Zusätzlich helfen Luftentfeuchter-Granulate, die du an verschiedenen Stellen im Wohnwagen verteilst. Diese Behälter mit Kalziumchlorid ziehen die Feuchtigkeit aus der Luft und sammeln das Kondenswasser in einer Auffangschale. Alle paar Wochen kontrollieren und bei Bedarf austauschen.

Wenn du deinen Wohnwagen in der Nähe hast, schaue im Winter alle vier bis sechs Wochen nach dem Rechten: Lüften, Entfeuchter prüfen, den allgemeinen Zustand checken. Das dauert nur zehn Minuten und kann teure Schäden verhindern.

Abdeckung und Stellplatzwahl

Die Frage „Plane oder keine Plane?" spaltet die Camper-Community. Grundsätzlich gilt: Eine gute, atmungsaktive Schutzhülle schützt den Wohnwagen vor Verschmutzung, UV-Strahlung und Baumharz. Billige Planen aus dem Baumarkt sind allerdings kontraproduktiv – sie stauen Feuchtigkeit und scheuern bei Wind über den Lack.

Wenn du in eine Abdeckung investierst, achte auf ein mehrlagiges, atmungsaktives Material mit weicher Innenseite. Die Hülle sollte passgenau sitzen und an den Ecken gepolstert sein. Sturmgurte sorgen dafür, dass sie bei Wind nicht verrutscht.

Die beste Option ist natürlich ein Unterstellplatz – ob Scheune, Halle oder überdachter Stellplatz. Hier ist der Wohnwagen vor Witterung geschützt und du sparst dir die Abdeckung. Die Kosten für einen Hallenstellplatz liegen je nach Region zwischen 50 und 120 Euro pro Monat, ein Freistellplatz bei 20 bis 50 Euro.

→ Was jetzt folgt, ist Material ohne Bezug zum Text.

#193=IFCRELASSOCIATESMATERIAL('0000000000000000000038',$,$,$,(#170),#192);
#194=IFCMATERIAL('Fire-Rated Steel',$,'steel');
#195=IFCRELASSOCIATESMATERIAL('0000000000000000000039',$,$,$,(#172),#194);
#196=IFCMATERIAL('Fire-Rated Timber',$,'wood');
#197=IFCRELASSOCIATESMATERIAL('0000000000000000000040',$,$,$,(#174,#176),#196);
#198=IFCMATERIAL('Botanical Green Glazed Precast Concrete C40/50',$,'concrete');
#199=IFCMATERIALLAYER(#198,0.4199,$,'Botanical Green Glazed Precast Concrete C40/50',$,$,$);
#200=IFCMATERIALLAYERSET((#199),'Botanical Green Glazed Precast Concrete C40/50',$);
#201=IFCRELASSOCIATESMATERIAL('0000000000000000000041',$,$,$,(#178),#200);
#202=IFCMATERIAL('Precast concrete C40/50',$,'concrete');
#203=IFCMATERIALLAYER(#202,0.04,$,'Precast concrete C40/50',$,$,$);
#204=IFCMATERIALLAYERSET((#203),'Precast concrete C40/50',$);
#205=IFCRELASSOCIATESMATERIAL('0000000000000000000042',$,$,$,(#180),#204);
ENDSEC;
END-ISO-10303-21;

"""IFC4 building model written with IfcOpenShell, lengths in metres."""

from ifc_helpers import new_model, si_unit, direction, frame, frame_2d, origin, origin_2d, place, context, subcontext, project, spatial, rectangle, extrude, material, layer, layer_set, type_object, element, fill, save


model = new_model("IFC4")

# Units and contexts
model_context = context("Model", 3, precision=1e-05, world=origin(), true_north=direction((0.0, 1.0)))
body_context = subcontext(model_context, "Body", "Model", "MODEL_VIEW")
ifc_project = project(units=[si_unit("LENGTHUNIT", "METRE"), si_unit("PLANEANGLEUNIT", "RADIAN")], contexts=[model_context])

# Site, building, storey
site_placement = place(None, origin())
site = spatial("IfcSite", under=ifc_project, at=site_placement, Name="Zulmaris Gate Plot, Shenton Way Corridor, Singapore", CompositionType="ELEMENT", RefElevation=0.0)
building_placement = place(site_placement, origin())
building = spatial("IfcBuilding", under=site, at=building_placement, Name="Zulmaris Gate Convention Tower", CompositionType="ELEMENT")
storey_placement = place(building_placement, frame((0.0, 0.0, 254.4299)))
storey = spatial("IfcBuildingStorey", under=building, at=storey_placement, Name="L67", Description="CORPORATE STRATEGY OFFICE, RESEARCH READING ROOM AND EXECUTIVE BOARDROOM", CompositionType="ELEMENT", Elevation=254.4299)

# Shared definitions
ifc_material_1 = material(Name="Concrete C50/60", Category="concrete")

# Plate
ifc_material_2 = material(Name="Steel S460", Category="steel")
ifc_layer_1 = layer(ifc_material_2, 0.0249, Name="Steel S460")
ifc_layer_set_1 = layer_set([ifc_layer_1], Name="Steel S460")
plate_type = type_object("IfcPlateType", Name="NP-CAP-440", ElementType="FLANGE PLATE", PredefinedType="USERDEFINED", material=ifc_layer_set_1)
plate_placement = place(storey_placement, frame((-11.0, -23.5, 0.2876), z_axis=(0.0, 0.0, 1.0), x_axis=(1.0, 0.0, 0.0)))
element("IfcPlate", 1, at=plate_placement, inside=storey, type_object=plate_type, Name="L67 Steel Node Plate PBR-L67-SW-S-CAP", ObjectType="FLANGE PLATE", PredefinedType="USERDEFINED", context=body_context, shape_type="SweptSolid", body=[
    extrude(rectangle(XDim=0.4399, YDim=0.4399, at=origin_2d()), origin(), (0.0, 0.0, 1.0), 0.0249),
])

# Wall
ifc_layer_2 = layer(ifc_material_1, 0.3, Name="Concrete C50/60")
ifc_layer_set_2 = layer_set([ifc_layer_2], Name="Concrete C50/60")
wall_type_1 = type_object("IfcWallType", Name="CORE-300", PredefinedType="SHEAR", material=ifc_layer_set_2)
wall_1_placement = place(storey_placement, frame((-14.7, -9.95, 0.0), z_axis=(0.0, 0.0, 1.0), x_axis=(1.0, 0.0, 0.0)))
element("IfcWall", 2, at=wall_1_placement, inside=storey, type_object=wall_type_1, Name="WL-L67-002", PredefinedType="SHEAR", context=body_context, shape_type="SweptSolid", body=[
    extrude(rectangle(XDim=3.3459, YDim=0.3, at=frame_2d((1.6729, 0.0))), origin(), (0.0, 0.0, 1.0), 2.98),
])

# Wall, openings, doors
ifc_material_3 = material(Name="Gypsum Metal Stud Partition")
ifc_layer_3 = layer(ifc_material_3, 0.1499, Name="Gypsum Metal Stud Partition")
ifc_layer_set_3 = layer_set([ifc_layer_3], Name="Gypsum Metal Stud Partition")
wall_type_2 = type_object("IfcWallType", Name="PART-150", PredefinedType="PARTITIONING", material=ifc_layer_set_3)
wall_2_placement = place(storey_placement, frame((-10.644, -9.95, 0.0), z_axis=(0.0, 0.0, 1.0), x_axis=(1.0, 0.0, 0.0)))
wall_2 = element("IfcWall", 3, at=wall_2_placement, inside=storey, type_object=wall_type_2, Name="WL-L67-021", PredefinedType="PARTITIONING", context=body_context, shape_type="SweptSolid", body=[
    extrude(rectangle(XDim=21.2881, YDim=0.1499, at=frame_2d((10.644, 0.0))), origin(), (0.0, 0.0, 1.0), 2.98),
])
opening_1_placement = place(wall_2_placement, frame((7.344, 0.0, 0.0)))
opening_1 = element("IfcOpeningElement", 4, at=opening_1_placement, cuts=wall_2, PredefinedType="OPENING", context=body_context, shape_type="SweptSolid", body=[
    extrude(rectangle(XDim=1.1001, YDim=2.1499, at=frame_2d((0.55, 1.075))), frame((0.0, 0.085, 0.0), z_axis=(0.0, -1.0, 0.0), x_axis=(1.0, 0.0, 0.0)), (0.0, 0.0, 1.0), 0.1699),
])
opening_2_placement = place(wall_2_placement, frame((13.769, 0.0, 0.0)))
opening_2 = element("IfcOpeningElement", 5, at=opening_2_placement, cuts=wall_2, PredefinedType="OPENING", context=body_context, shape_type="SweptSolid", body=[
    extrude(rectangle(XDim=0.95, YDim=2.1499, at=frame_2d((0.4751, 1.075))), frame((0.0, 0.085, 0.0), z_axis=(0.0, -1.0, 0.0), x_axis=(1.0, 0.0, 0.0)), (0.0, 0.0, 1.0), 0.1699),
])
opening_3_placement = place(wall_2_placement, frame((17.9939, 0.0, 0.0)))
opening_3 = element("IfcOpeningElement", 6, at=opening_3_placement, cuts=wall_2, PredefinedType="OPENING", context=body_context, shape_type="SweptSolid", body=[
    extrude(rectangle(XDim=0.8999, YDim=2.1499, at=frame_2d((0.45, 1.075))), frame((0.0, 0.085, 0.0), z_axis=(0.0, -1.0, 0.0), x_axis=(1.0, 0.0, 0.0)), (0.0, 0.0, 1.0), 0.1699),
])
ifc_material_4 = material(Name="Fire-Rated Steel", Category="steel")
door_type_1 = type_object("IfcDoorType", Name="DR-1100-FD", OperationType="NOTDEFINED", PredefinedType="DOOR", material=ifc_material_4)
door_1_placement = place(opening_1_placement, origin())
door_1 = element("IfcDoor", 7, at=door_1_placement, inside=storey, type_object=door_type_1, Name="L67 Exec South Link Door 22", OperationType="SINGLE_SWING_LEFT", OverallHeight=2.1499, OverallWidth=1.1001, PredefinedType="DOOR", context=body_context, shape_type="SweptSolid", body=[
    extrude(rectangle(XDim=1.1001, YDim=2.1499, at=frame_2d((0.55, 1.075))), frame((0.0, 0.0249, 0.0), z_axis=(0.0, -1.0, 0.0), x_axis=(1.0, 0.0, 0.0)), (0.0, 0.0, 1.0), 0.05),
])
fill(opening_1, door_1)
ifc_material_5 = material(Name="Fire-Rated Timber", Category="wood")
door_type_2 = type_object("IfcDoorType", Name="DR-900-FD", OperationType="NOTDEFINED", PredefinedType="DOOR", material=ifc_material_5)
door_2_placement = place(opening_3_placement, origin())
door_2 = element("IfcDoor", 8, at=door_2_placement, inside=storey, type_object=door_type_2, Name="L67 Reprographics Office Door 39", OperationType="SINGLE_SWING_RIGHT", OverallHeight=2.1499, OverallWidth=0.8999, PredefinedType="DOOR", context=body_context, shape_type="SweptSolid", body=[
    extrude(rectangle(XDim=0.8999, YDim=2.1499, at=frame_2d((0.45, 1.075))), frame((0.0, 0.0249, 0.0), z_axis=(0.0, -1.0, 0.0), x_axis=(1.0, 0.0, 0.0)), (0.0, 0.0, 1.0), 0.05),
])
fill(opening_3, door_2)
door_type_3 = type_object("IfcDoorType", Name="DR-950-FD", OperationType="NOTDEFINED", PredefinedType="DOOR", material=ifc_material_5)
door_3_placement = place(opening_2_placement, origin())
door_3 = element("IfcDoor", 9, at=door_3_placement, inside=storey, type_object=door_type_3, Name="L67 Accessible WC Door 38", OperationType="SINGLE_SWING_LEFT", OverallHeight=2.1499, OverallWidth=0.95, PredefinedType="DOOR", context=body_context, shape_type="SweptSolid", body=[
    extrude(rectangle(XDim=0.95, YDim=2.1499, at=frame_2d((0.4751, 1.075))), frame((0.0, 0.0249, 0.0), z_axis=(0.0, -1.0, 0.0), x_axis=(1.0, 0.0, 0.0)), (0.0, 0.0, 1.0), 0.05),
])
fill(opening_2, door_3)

Apropos Heizung: Falls du deinen Wohnwagen auch im Winter nutzen möchtest, statt ihn einzumotten, schau dir meinen Vergleich der gängigen Wohnwagen-Heizungen an. Wintercamping wird immer beliebter – und mit der richtigen Heizung ist das absolut machbar.

Fazit

Deinen Wohnwagen winterfest zu machen ist keine Raketenwissenschaft, aber es erfordert Sorgfalt. Die Wasseranlage komplett zu entleeren ist dabei der absolut wichtigste Schritt – Frostschäden an Leitungen und Boiler sind teuer und ärgerlich. Batterie raus und frostfrei lagern, Reifen entlasten, für Belüftung sorgen und den richtigen Stellplatz wählen – wenn du diese Punkte beherzigst, übersteht dein Wohnwagen den Winter problemlos. Plane dir dafür einen Nachmittag ein, arbeite die Liste systematisch ab, und du kannst im Frühling direkt losrollen, ohne erst in die Werkstatt zu müssen. Gute Winterpause – und bis zur nächsten Saison!